For those wives who no longer enjoy sex because your husband isn't meeting your needs, can you pinpoint when it started and why? Did you try to keep your husband on track and he just ignored it? Once a marriage gets to the place that the woman needs romance to have sex, and the man needs sex to want romance, that is a tough place to bi in.


----------



## kingsfan (Jun 4, 2012)

southbound said:


> There was a question brought up in another thread that i have often wondered about and thought deserved a thread of it's own. It seems the agreement is that when a wife doesn't want sex, it usually is because her husband isn't fulfilling her emotional needs; she doesn't feel excited, loved, and respected. I assume this doesn't just happen overnight, so, what is the wife's responsibility, along with the husband, to keep it from getting to this point? I'm not talking about a marriage where the husband is abusive or suddenly turned idiot, I'm talking about a seemingly "good" relationship that somehow derails due to not meeting each other's needs. How does this happen?


It's called communication.

I didn't quote the rest of your post, but basically it seems like you are reviewing things with 20/20 hindsight. You don't have that benefit when you are actually in the relationship.

Talk about your problems, but talk before they become a problem. People think that because there isn't a problem, you don't need to talk. Wrong, that's when you need to talk the most. It's so much easier to bring up a problem when you first notice it and say "Hey, I noticed the past few weeks we haven't been intimate as much. Is everything ok?" Than to wait a few years and accuse her of being a frigid ***** for not having sex while she calls you a lazy ass for not wanting to take her out for a couple's date or a weekend away.


----------



## GhostRydr (Jun 2, 2012)

Nope, it does NOT have to take 2.


----------



## bubbly girl (Oct 11, 2011)

kingsfan said:


> It's called communication.


:iagree:

Without communication, a marriage is sure to go downhill.
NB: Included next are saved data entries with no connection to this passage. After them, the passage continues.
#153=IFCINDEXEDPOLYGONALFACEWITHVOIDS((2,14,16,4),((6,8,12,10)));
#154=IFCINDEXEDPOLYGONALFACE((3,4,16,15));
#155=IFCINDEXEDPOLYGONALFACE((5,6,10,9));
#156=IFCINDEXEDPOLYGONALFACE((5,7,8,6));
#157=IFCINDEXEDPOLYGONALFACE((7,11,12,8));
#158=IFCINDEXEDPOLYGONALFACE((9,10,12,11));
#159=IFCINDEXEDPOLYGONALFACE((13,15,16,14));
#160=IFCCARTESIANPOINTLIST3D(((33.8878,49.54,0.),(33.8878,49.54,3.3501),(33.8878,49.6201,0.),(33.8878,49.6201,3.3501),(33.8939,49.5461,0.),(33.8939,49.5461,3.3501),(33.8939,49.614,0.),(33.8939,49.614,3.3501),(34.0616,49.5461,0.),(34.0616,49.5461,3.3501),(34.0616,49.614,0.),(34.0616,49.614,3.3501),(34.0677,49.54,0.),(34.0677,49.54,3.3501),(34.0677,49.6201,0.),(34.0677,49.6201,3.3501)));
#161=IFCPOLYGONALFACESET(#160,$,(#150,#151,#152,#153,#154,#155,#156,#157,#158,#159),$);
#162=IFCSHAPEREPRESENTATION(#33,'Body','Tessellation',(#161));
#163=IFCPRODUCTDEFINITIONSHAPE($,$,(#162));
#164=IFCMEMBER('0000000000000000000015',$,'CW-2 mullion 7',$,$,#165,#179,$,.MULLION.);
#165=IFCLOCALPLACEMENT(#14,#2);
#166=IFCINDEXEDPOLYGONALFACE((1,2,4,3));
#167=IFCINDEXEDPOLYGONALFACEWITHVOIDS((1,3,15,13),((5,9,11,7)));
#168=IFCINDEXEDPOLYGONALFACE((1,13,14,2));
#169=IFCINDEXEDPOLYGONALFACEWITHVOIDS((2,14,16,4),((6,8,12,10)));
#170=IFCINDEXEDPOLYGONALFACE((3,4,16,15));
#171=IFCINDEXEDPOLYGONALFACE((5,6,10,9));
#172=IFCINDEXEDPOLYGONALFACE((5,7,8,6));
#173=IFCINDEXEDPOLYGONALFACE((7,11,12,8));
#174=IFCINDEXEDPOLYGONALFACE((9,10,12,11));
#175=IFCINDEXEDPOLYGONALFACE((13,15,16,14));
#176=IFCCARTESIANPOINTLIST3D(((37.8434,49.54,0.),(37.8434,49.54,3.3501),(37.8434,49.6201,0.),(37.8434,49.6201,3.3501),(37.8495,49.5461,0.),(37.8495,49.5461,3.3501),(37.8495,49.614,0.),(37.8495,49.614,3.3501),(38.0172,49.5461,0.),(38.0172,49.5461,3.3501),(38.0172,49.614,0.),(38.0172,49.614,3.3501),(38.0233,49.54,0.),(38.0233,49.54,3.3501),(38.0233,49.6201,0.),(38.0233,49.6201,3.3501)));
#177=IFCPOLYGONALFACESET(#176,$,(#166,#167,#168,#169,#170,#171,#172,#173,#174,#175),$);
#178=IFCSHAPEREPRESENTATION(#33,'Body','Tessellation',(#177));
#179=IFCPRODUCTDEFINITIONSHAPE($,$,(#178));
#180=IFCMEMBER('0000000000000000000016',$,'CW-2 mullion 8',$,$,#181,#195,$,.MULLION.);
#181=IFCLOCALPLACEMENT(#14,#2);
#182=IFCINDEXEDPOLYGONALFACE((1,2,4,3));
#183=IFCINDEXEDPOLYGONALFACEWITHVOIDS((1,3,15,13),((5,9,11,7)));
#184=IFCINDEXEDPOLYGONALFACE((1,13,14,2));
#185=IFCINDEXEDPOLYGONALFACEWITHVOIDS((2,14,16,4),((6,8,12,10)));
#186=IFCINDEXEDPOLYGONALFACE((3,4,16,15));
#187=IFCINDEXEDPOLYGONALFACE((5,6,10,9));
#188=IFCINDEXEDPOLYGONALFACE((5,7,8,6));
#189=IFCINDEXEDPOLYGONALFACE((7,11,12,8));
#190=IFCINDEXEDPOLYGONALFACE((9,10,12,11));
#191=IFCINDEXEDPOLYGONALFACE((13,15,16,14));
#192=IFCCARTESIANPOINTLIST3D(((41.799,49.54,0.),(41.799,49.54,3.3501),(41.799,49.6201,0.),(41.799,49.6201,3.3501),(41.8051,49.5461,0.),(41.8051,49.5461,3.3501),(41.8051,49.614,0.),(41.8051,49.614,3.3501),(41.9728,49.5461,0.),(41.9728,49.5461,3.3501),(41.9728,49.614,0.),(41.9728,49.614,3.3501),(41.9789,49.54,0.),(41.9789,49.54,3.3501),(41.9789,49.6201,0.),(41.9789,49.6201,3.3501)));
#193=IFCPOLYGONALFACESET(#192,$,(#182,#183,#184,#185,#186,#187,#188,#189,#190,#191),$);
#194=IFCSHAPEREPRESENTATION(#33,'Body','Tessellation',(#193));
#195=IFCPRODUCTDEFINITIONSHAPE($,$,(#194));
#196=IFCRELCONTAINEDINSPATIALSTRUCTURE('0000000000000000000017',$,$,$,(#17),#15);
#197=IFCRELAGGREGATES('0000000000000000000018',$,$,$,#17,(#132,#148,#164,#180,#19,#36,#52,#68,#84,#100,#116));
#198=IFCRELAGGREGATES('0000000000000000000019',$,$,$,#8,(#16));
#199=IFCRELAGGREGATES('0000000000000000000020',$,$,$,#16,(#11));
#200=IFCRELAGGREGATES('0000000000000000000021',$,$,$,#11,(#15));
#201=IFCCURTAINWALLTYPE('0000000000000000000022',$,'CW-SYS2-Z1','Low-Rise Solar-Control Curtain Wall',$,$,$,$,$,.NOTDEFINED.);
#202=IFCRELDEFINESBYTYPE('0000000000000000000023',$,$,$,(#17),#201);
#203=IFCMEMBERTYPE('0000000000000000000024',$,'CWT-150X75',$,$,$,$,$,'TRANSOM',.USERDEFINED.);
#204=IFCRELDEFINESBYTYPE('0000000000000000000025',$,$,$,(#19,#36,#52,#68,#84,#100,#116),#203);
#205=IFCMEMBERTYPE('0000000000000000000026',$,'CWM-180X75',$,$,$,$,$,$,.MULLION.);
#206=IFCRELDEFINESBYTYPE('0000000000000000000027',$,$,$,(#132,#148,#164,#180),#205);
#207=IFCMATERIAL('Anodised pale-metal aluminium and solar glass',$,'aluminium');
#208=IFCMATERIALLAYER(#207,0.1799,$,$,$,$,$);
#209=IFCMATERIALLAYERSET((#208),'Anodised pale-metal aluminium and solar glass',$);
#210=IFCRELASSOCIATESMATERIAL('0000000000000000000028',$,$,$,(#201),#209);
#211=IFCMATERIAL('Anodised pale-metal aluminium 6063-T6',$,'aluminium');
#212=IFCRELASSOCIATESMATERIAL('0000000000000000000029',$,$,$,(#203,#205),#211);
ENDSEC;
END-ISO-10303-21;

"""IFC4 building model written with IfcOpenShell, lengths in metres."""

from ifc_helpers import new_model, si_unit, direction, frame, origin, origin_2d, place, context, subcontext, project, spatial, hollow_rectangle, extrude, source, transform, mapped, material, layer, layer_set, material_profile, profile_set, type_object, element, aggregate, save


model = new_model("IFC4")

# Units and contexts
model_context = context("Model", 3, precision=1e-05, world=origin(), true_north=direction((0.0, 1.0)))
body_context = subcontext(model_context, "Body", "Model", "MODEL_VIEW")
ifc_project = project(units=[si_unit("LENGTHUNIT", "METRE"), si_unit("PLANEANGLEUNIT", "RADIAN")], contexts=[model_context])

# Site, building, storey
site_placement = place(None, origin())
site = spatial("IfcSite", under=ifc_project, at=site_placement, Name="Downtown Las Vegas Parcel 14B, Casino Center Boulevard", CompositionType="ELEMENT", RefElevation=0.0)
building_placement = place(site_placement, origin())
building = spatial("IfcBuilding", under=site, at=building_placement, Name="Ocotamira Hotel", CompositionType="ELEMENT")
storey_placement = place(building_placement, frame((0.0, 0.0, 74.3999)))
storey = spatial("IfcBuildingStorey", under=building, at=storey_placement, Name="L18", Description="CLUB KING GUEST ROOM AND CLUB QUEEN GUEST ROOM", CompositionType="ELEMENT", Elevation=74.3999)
Your wife should have talked to you about the issues instead of expecting you to be a mind reader. 

With a little communication, things may have been fixable. Of course we all know you can't change someone. If she expressed to you that you weren't meeting her emotional needs and you didn't put forth the effort to change, then I could see her giving up. Unfortunately she didn't even give you a chance.


----------



## ScarletBegonias (Jun 26, 2012)

i always hated the whole circle of Well i changed bc you stopped doing this. Well I change bc YOU stopped doing that!

It's chicken/egg nonsense.

It takes two to make a relationship and it takes two to break a relationships.Unless one is mentally unstable and has major emotional problems...they can ruin a relationship single handed.


----------



## kingsfan (Jun 4, 2012)

ScarletBegonias said:


> i always hated the whole circle of Well i changed bc you stopped doing this. Well I change bc YOU stopped doing that!
> 
> It's chicken/egg nonsense.
> 
> It takes two to make a relationship and it takes two to break a relationships.Unless one is mentally unstable and has major emotional problems...they can ruin a relationship single handed.


Not to derail this thread here, but I do disagree sort of.

Cheaters for example. Serial cheaters do have problems, but someone who cheats once may not have a mental issue or a problem, yet that one act can deral a marriage completely (and understandably so). There are other similar examples as well.


----------



## Mavash. (Jan 26, 2012)

It's up to the person with the need to communicate that need to their spouse. Expecting someone to read your mind never works.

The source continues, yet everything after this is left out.